Первое, что выдают солдату израильской армии после призыва, – личный номер, который носят в капсуле на груди (для опознания тела) и который вделан в подошвы ботинок (на случай, если оторвёт ногу). Я не к тому, что смерть в Израиле привычней и обыденней, чем в России, хотя, ввиду некоторых политических моментов, она ходит на более коротком поводке…
Просто я пытаюсь представить, как там выстраивают очередь на высокую аудиенцию согласно личным номерам: «Кто следующий?» – «Я!» – «Номер?» – «800745».
Ну нет уж… Я уверена, что там всех нас знают в лицо, а не по номерам…

 

С годами я поверила, что в конце концов, видимо, умереть придётся.

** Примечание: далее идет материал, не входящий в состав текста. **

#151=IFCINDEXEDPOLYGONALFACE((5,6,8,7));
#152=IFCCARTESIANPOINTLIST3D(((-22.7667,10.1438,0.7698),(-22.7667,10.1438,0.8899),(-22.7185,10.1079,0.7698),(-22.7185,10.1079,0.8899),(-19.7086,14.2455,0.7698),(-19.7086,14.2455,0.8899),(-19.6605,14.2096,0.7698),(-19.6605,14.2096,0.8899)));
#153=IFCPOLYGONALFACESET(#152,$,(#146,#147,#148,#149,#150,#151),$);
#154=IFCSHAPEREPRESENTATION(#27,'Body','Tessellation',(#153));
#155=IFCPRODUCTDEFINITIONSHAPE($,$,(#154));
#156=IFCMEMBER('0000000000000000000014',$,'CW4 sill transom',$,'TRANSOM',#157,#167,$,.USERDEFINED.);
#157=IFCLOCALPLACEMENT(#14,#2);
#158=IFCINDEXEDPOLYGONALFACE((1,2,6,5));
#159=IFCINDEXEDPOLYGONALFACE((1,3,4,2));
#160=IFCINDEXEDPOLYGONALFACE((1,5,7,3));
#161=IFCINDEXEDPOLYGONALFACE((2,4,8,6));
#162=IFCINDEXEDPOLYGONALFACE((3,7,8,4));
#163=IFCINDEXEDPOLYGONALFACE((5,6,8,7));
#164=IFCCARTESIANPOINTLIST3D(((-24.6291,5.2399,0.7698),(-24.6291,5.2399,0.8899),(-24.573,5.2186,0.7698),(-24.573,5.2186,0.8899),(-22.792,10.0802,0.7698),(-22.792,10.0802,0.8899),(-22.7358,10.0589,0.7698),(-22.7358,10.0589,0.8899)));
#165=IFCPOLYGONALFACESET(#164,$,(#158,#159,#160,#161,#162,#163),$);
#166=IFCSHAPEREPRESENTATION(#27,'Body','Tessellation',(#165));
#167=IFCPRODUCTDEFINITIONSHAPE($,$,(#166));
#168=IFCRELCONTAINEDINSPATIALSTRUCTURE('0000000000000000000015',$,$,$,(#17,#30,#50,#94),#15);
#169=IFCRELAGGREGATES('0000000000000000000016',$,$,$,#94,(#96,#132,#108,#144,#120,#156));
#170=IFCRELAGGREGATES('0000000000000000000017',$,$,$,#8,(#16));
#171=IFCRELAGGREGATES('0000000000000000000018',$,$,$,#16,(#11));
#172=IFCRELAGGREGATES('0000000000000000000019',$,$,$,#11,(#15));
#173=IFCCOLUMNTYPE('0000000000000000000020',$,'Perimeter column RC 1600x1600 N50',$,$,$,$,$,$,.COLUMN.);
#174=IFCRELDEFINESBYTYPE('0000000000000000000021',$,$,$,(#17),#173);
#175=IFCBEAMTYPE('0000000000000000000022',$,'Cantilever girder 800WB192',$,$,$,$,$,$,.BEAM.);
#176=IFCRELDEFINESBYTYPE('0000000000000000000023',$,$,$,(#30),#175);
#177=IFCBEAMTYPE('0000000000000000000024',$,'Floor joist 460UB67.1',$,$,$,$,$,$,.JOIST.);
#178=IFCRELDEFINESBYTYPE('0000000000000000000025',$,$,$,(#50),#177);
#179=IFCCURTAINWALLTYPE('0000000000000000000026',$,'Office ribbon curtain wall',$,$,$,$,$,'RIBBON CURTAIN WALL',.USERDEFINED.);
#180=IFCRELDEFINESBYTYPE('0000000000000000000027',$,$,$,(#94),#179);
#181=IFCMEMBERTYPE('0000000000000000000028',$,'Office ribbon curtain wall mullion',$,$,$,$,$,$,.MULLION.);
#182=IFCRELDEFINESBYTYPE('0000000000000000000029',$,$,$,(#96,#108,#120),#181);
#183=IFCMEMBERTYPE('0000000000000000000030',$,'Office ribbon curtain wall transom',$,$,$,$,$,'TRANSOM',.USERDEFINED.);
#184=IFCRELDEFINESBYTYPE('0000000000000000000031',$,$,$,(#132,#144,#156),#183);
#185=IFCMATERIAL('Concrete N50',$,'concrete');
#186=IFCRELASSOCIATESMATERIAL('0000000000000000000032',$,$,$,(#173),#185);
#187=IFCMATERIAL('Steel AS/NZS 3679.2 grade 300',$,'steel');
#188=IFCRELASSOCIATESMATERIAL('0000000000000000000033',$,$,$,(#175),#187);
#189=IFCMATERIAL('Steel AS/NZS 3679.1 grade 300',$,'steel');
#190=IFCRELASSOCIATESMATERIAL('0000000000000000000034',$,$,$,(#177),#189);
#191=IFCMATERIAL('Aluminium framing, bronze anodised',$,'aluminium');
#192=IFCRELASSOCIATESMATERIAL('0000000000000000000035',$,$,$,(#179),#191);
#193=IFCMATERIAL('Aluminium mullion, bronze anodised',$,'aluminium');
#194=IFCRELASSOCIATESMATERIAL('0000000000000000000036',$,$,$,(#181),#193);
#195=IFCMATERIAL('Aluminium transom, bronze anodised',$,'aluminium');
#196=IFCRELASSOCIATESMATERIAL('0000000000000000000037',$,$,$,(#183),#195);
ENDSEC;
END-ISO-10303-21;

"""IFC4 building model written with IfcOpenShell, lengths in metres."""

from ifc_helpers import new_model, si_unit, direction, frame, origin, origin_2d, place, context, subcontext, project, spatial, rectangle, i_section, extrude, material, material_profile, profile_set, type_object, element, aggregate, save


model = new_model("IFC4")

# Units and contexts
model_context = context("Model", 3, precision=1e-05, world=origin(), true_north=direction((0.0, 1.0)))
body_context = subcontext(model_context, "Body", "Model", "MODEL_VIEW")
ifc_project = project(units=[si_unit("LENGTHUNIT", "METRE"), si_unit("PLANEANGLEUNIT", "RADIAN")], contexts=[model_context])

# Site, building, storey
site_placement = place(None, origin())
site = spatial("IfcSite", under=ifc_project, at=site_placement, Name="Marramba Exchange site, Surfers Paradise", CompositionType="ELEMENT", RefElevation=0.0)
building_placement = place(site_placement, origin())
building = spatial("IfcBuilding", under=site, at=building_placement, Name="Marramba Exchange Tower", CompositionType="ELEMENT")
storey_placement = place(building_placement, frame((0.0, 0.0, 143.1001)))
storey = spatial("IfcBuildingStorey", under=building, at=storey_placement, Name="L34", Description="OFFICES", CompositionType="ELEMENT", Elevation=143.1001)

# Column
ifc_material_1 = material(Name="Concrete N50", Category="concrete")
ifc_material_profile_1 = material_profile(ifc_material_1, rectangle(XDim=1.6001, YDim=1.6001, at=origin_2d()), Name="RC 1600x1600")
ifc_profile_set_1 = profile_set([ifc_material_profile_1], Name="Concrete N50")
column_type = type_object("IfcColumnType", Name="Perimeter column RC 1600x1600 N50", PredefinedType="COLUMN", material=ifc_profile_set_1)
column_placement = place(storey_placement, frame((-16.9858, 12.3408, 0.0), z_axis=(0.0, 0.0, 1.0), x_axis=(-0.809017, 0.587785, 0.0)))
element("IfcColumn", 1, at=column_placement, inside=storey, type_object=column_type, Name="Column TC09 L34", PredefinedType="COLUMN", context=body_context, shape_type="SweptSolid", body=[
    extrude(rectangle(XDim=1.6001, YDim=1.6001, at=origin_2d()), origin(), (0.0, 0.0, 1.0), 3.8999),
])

С мыслью о неизбежности смерти в жизни человека происходят кое-какие изменения. Смерть уменьшается, съёживается, теряет зловещее оперение и становится неким обстоятельством времени и места, неким допущением. Не то что над плечом маячит, но присутствует на задворках сознания на всякий случай – так, выходя из дому, прихватываешь с собой какие-то вещи – вдруг пригодятся…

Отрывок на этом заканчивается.